Two coonies in one pic here 


On the left , Baby Blue, 7.5 months old , 4.5kg.  On the right, Timmy Tail, 15 months old, 5.5kg


----------



## oliviarussian

Cats cats cats said:


> On the left , Baby Blue, 7.5 months old , 4.5kg.  On the right, Timmy Tail, 15 months old, 5.5kg


Timmy Tail looks HUGE compared to Baby Blue in that pic ..... Maybe it's the perspective of the photo, much more than a 1kg difference!!!!!!! .... You've got a good couple of climbers there!


----------



## Cats cats cats

oliviarussian said:


> Timmy Tail looks HUGE compared to Baby Blue in that pic ..... Maybe it's the perspective of the photo, much more than a 1kg difference!!!!!!! .... You've got a good couple of climbers there!


Timmy does look a lot bigger as Baby Blues hair is pretty short  they're best buddies bless them, always playing together :001_wub:


----------



## londongal796

I know he's not a coonie but I'm starting to get a bit scared here reading some of the weights and ages !!!!

Dante (my male ragdoll) is just 16 weeks now and is weighing in at a whopping 2.8kg (done on a hoo-man digital scale with the subtraction of my weight to get his -- so not the super most accurate weighing option but best I can do). He was about 2kg only 2 weeks ago! :yikes:

I have a feeling he might be a big one!!!!!


----------



## oliviarussian

londongal796 said:


> I know he's not a coonie but I'm starting to get a bit scared here reading some of the weights and ages !!!!
> 
> Dante (my male ragdoll) is just 16 weeks now and is weighing in at a whopping 2.8kg (done on a hoo-man digital scale with the subtraction of my weight to get his -- so not the super most accurate weighing option but best I can do). He was about 2kg only 2 weeks ago! :yikes:
> 
> I have a feeling he might be a big one!!!!!

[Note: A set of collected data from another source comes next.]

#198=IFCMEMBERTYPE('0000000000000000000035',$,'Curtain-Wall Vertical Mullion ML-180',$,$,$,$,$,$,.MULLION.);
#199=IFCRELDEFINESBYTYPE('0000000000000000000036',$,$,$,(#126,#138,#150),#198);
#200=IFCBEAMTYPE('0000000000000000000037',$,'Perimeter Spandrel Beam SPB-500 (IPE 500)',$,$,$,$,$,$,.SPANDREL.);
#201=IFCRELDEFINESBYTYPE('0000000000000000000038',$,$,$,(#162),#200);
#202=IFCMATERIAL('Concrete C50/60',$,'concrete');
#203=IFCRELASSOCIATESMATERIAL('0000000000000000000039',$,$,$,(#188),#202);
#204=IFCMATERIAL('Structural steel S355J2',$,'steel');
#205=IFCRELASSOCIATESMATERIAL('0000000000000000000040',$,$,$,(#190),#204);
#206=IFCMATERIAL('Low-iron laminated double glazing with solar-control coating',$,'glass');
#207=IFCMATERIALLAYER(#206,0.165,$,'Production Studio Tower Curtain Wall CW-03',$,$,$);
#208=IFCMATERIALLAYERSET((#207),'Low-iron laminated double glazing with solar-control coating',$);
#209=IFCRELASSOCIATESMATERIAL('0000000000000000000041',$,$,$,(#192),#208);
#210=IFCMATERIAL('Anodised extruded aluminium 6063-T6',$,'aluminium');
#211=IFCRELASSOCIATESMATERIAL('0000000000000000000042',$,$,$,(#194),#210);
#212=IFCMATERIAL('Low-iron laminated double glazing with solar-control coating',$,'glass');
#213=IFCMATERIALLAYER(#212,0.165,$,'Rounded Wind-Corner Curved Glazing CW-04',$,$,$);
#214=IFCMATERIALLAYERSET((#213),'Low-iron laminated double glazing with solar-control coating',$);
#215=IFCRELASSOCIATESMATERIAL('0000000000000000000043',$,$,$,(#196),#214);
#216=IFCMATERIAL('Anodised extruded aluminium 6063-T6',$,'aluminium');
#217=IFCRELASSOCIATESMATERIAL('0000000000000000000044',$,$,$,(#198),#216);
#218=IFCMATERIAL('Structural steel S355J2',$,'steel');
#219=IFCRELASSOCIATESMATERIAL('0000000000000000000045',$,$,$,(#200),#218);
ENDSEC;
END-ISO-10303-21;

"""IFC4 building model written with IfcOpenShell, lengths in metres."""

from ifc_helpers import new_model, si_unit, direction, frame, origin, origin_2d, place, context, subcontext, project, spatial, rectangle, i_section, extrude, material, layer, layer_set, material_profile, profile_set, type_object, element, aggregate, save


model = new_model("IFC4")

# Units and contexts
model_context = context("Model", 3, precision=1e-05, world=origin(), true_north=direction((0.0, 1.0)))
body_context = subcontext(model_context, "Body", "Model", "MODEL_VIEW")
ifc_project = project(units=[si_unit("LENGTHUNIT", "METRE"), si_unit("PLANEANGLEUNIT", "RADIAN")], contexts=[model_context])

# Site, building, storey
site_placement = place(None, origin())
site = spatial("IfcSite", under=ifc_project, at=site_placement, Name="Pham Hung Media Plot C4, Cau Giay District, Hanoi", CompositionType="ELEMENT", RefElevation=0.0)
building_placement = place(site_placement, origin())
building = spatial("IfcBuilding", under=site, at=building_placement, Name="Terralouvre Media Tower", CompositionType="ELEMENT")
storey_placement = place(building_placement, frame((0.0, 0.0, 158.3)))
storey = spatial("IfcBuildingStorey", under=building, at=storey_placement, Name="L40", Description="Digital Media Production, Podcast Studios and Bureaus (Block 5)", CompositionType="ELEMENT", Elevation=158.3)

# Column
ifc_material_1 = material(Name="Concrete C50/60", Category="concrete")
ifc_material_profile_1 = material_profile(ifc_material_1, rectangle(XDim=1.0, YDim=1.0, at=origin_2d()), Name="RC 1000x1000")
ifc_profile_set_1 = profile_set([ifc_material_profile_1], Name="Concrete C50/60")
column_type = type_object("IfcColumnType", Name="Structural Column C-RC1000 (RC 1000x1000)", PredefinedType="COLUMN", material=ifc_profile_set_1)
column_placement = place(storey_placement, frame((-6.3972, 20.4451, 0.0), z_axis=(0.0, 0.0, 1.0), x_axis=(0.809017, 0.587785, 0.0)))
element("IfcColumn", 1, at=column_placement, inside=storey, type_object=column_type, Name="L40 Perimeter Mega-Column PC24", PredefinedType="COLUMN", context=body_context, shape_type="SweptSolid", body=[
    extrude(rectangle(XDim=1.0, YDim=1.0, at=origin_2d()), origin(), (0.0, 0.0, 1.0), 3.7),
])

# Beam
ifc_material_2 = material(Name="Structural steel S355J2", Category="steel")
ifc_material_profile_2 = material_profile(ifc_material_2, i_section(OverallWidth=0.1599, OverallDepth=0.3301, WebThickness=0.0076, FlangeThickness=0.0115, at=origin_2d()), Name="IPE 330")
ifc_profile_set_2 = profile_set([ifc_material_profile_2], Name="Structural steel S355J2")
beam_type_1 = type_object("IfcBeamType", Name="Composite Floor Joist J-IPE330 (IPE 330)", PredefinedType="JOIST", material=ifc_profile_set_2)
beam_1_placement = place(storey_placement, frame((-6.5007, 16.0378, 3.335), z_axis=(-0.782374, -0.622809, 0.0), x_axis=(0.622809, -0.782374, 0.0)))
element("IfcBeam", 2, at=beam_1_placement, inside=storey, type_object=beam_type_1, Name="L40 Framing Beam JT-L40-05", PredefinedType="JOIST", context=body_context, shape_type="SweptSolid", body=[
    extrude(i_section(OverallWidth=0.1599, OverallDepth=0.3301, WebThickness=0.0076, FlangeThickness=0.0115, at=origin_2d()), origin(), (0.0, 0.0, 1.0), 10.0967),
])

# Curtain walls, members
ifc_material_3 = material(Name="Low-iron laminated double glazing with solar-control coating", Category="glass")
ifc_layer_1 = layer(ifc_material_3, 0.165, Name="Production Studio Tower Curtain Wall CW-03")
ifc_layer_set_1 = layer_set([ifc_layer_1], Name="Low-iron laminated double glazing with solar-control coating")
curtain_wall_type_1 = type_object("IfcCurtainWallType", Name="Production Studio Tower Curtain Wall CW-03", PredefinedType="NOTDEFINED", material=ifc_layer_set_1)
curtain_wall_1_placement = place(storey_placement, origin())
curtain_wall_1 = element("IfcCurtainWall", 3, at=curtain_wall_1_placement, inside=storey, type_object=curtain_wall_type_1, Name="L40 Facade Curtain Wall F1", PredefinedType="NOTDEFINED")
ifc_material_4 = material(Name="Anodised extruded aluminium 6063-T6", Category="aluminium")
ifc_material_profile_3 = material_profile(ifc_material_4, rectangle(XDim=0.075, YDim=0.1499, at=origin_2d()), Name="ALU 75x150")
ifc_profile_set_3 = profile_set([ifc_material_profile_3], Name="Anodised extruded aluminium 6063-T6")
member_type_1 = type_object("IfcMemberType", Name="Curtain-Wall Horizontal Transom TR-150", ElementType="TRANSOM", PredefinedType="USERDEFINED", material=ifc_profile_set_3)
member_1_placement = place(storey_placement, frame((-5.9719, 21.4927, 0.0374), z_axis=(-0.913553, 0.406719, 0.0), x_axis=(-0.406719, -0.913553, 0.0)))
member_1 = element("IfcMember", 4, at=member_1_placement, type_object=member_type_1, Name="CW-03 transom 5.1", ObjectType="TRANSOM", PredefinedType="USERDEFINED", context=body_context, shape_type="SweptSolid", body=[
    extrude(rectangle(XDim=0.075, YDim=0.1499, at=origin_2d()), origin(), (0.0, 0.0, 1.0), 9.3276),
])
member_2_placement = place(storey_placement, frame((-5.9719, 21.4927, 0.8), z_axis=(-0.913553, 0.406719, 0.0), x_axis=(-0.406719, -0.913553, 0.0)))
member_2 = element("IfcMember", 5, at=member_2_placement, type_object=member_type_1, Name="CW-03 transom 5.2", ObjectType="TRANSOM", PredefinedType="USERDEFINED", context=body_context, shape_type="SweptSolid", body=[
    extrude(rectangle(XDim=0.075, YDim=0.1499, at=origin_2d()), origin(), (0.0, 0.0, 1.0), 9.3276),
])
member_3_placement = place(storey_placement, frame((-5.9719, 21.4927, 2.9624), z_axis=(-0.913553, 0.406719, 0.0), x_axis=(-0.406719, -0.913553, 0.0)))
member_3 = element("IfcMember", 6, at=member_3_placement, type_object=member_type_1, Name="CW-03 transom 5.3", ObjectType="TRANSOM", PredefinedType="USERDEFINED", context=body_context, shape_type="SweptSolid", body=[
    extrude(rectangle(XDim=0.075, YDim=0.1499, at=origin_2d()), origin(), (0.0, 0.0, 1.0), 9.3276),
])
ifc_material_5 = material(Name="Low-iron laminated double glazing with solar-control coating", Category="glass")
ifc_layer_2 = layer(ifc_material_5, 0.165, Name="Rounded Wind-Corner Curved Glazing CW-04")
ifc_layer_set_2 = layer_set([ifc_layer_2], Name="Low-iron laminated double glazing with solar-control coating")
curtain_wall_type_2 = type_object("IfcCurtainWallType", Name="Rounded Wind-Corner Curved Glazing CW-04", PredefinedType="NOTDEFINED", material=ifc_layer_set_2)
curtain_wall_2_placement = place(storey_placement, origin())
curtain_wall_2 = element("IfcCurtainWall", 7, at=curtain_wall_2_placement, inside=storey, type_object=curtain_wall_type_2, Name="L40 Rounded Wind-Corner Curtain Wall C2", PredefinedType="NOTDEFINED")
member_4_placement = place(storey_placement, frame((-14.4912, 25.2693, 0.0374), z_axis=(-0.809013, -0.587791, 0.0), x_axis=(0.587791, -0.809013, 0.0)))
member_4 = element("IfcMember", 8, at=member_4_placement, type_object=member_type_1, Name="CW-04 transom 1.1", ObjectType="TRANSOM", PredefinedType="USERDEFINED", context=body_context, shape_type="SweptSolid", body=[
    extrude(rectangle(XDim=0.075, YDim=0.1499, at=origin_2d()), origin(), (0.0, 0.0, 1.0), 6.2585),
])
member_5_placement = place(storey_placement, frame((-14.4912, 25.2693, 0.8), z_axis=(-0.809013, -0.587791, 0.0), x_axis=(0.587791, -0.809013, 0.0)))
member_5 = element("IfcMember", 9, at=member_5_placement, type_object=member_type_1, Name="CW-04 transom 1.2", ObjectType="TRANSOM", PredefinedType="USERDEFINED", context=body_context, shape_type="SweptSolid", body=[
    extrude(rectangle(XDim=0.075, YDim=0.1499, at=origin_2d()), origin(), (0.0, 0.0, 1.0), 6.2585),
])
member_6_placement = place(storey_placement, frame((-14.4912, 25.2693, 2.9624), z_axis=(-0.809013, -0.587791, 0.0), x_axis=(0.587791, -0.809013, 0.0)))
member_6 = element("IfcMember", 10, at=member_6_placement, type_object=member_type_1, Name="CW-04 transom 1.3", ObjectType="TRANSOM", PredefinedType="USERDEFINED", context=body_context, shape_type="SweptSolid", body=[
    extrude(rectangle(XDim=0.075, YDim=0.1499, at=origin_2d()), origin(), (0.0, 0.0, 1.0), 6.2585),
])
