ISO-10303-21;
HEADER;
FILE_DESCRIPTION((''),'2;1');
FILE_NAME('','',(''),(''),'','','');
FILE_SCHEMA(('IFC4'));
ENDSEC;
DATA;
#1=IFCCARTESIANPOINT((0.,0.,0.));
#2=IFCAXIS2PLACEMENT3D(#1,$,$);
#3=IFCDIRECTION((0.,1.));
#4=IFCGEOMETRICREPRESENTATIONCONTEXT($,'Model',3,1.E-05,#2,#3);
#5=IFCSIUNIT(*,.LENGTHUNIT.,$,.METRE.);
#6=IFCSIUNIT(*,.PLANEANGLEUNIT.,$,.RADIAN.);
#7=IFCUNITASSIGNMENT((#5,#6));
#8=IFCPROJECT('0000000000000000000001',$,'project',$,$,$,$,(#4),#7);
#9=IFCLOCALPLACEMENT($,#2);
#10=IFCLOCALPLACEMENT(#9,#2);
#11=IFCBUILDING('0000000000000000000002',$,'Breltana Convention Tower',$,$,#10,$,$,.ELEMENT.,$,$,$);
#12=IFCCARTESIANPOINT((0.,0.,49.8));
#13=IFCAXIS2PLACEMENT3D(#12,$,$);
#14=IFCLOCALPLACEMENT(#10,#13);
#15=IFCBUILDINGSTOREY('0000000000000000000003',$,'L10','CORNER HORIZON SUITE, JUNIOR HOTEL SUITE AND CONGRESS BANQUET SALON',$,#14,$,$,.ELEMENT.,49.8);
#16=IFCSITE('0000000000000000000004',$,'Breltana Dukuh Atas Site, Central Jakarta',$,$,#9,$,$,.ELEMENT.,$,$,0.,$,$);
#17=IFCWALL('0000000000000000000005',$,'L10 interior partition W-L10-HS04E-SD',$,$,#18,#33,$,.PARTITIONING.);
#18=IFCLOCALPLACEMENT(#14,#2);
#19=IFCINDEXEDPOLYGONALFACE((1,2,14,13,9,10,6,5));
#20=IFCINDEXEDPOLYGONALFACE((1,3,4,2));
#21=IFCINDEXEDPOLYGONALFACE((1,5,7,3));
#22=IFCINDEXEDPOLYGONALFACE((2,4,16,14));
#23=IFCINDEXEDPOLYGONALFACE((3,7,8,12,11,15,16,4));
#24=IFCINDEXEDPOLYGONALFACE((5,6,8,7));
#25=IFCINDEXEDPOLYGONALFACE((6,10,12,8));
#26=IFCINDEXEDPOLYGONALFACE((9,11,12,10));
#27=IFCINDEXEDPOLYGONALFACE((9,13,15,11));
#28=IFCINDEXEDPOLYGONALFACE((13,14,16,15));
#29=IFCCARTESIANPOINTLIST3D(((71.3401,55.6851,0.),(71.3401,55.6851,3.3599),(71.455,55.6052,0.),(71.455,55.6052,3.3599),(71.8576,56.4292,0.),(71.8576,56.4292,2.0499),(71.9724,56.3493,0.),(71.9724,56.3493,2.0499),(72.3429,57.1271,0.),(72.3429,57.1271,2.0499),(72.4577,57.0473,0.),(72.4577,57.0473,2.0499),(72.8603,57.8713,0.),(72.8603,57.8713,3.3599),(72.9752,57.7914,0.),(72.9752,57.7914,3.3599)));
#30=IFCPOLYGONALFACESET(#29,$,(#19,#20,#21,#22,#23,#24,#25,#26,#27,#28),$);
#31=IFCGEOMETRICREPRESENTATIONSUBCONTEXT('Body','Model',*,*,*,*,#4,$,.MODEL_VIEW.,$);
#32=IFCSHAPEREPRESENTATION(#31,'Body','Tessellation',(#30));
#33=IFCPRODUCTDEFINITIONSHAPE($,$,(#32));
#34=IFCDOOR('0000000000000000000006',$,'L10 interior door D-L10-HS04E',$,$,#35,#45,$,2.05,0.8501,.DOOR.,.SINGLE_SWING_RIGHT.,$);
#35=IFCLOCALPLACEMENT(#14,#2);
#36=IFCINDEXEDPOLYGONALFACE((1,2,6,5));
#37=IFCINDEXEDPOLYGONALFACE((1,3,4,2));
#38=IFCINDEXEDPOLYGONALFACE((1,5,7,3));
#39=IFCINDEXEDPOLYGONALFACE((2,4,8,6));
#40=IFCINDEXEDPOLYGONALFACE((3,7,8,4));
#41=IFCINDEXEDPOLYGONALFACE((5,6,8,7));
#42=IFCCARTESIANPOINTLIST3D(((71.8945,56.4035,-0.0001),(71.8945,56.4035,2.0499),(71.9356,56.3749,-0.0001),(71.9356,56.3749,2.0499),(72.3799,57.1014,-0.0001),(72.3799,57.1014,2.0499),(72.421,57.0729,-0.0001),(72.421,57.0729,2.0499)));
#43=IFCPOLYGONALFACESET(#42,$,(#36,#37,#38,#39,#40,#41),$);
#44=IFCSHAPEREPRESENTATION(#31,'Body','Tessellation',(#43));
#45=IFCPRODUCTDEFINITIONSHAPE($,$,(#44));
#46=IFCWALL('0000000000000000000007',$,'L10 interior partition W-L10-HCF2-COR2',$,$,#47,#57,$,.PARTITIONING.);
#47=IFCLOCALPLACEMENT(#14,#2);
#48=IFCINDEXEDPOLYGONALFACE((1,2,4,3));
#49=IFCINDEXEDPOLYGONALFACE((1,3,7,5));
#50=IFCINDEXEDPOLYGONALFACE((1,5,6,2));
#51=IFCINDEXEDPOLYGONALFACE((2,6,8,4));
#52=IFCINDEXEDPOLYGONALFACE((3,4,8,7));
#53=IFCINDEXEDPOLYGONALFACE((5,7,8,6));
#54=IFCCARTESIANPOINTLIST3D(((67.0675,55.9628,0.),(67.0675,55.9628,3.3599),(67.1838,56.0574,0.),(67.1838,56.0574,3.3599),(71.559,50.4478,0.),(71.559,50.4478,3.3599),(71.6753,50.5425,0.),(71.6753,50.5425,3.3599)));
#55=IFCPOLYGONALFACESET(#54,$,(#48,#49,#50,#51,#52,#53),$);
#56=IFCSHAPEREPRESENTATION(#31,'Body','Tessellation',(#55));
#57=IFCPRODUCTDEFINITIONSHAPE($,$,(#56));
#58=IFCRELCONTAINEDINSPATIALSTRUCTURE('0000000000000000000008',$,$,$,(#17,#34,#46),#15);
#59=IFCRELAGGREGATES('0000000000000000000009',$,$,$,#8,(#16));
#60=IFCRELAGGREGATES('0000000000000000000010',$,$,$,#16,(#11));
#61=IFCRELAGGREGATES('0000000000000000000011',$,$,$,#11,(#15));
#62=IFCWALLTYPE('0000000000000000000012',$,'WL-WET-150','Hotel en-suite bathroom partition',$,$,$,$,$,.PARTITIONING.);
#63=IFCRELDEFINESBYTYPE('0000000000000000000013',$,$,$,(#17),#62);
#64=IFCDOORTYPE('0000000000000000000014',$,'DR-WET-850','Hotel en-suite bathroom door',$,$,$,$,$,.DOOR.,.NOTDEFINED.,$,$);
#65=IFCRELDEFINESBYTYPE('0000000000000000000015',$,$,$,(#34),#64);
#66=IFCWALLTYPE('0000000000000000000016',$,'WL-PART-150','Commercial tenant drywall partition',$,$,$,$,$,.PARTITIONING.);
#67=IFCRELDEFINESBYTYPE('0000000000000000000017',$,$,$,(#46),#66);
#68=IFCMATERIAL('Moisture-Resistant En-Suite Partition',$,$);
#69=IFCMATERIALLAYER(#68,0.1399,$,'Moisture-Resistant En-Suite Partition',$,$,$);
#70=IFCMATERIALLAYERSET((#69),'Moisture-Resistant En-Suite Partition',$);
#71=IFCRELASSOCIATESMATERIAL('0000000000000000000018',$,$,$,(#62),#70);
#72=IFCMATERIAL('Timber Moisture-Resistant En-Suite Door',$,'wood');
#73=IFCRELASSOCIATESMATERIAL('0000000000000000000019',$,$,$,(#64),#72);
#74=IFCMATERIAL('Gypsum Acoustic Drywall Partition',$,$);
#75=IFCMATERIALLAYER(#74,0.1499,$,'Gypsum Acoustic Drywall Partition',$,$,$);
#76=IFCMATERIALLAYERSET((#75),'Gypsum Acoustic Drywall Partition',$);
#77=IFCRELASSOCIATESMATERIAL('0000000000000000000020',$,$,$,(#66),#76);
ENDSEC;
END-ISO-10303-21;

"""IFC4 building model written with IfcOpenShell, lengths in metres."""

from ifc_helpers import new_model, si_unit, direction, frame, frame_2d, origin, place, context, subcontext, project, spatial, rectangle, extrude, source, transform, mapped, material, layer, layer_set, type_object, type_shapes, element, fill, save


model = new_model("IFC4")

# Units and contexts
model_context = context("Model", 3, precision=1e-05, world=origin(), true_north=direction((0.0, 1.0)))
body_context = subcontext(model_context, "Body", "Model", "MODEL_VIEW")
ifc_project = project(units=[si_unit("LENGTHUNIT", "METRE"), si_unit("PLANEANGLEUNIT", "RADIAN")], contexts=[model_context])

# Site, building, storey
site_placement = place(None, origin())
site = spatial("IfcSite", under=ifc_project, at=site_placement, Name="Breltana Dukuh Atas Site, Central Jakarta", CompositionType="ELEMENT", RefElevation=0.0)
building_placement = place(site_placement, origin())
building = spatial("IfcBuilding", under=site, at=building_placement, Name="Breltana Convention Tower", CompositionType="ELEMENT")
storey_placement = place(building_placement, frame((0.0, 0.0, 49.8)))
storey = spatial("IfcBuildingStorey", under=building, at=storey_placement, Name="L10", Description="CORNER HORIZON SUITE, JUNIOR HOTEL SUITE AND CONGRESS BANQUET SALON", CompositionType="ELEMENT", Elevation=49.8)

# Shared definitions
ifc_material_1 = material(Name="Moisture-Resistant En-Suite Partition")
ifc_layer_1 = layer(ifc_material_1, 0.1399, Name="Moisture-Resistant En-Suite Partition")
ifc_layer_set_1 = layer_set([ifc_layer_1], Name="Moisture-Resistant En-Suite Partition")
wall_type_1 = type_object("IfcWallType", Name="WL-WET-150", Description="Hotel en-suite bathroom partition", PredefinedType="PARTITIONING", material=ifc_layer_set_1)
ifc_material_2 = material(Name="Timber Moisture-Resistant En-Suite Door", Category="wood")
door_type_1 = type_object("IfcDoorType", Name="DR-WET-850", Description="Hotel en-suite bathroom door", OperationType="NOTDEFINED", PredefinedType="DOOR", material=ifc_material_2)
shared_shape_1 = source(origin(), body_context, "Body", "SweptSolid", [
    extrude(rectangle(XDim=0.8501, YDim=2.05, at=frame_2d((0.425, 1.0249))), frame((0.0, 0.0249, 0.0), z_axis=(0.0, -1.0, 0.0), x_axis=(1.0, 0.0, 0.0)), (0.0, 0.0, 1.0), 0.05),
])
type_shapes(door_type_1, [shared_shape_1])

# Shared definitions
ifc_material_3 = material(Name="Gypsum Acoustic Drywall Partition")
ifc_layer_2 = layer(ifc_material_3, 0.1499, Name="Gypsum Acoustic Drywall Partition")
ifc_layer_set_2 = layer_set([ifc_layer_2], Name="Gypsum Acoustic Drywall Partition")
wall_type_2 = type_object("IfcWallType", Name="WL-PART-150", Description="Commercial tenant drywall partition", PredefinedType="PARTITIONING", material=ifc_layer_set_2)

# Wall, opening, door
shared_shape_2 = source(origin(), body_context, "Body", "SweptSolid", [
    extrude(rectangle(XDim=2.6628, YDim=0.1399, at=frame_2d((1.3315, 0.0))), origin(), (0.0, 0.0, 1.0), 3.3599),
])
wall_1_placement = place(storey_placement, frame((71.3975, 55.645, 0.0), z_axis=(0.0, 0.0, 1.0), x_axis=(0.570906, 0.821015, 0.0)))
wall_1 = element("IfcWall", 1, at=wall_1_placement, inside=storey, type_object=wall_type_1, Name="L10 interior partition W-L10-HS04E-SD", PredefinedType="PARTITIONING", context=body_context, shape_type="MappedRepresentation", body=[
    mapped(shared_shape_2, transform((0.0, 0.0, 0.0), scale=1.0)),
])
opening_1_placement = place(wall_1_placement, frame((0.9065, 0.0, 0.0)))
opening_1 = element("IfcOpeningElement", 2, at=opening_1_placement, cuts=wall_1, PredefinedType="OPENING", context=body_context, shape_type="SweptSolid", body=[
    extrude(rectangle(XDim=0.8501, YDim=2.05, at=frame_2d((0.425, 1.0249))), frame((0.0, 0.0801, 0.0), z_axis=(0.0, -1.0, 0.0), x_axis=(1.0, 0.0, 0.0)), (0.0, 0.0, 1.0), 0.1599),
])
door_1_placement = place(opening_1_placement, origin())
door_1 = element("IfcDoor", 3, at=door_1_placement, inside=storey, type_object=door_type_1, Name="L10 interior door D-L10-HS04E", OperationType="SINGLE_SWING_RIGHT", OverallHeight=2.05, OverallWidth=0.8501, PredefinedType="DOOR", context=body_context, shape_type="MappedRepresentation", body=[
    mapped(shared_shape_1, transform((0.0, 0.0, 0.0), scale=1.0)),
])
fill(opening_1, door_1)

# Wall
shared_shape_3 = source(origin(), body_context, "Body", "SweptSolid", [
    extrude(rectangle(XDim=7.1125, YDim=0.1499, at=frame_2d((3.5562, 0.0))), origin(), (0.0, 0.0, 1.0), 3.3599),
])
wall_2_placement = place(storey_placement, frame((67.1257, 56.01, 0.0), z_axis=(0.0, 0.0, 1.0), x_axis=(0.63149, -0.775384, 0.0)))
element("IfcWall", 4, at=wall_2_placement, inside=storey, type_object=wall_type_2, Name="L10 interior partition W-L10-HCF2-COR2", PredefinedType="PARTITIONING", context=body_context, shape_type="MappedRepresentation", body=[
    mapped(shared_shape_3, transform((0.0, 0.0, 0.0), scale=1.0)),
])

save(model, "model.ifc")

I remember getting quite freaked out at one point by the amount of food Rosso was putting away when he was a kitten! He was gaining a pound a week at one point!!!!!! :w00t: I was scared I might have a monster on my hands!


----------



## catcoonz

I knew my 9 week old kitten was a big baby but didnt realise just how big he was, weighed at the vets to be 1.88kgs at 9 weeks old, going to be a huge adult, his brother is smaller at 1.29kgs.


----------



## Romeo

mlynnc said:


> Ever since I started researching into the Maine Coon breed and then following that, owning one (by handsome boy, Enzo!)... I've been curious about their size vs age.
> 
> I understand that Maine Coon's are all unique and therefore all grow at different rates, also things such as gender and pedigree can affect their final size too.
> 
> So, my question to all Maine Coon owners is... how much does your Maine Coon weigh and how old are they? I'd be interested to hear about past and present loved ones.
> 
> I'll start... (gender, age and weight!)
> 
> My boy Enzo is currently 8.5 months old and weighs 4.9kg.


----------



## Romeo

This is romeo he's 4 months and weighs 7 pounds ..is he gonna be a big boy ?


----------



## Calvine

He's very beautiful!


----------



## Guest

Romeo said:


> This is romeo he's 4 months and weighs 7 pounds ..is he gonna be a big boy ?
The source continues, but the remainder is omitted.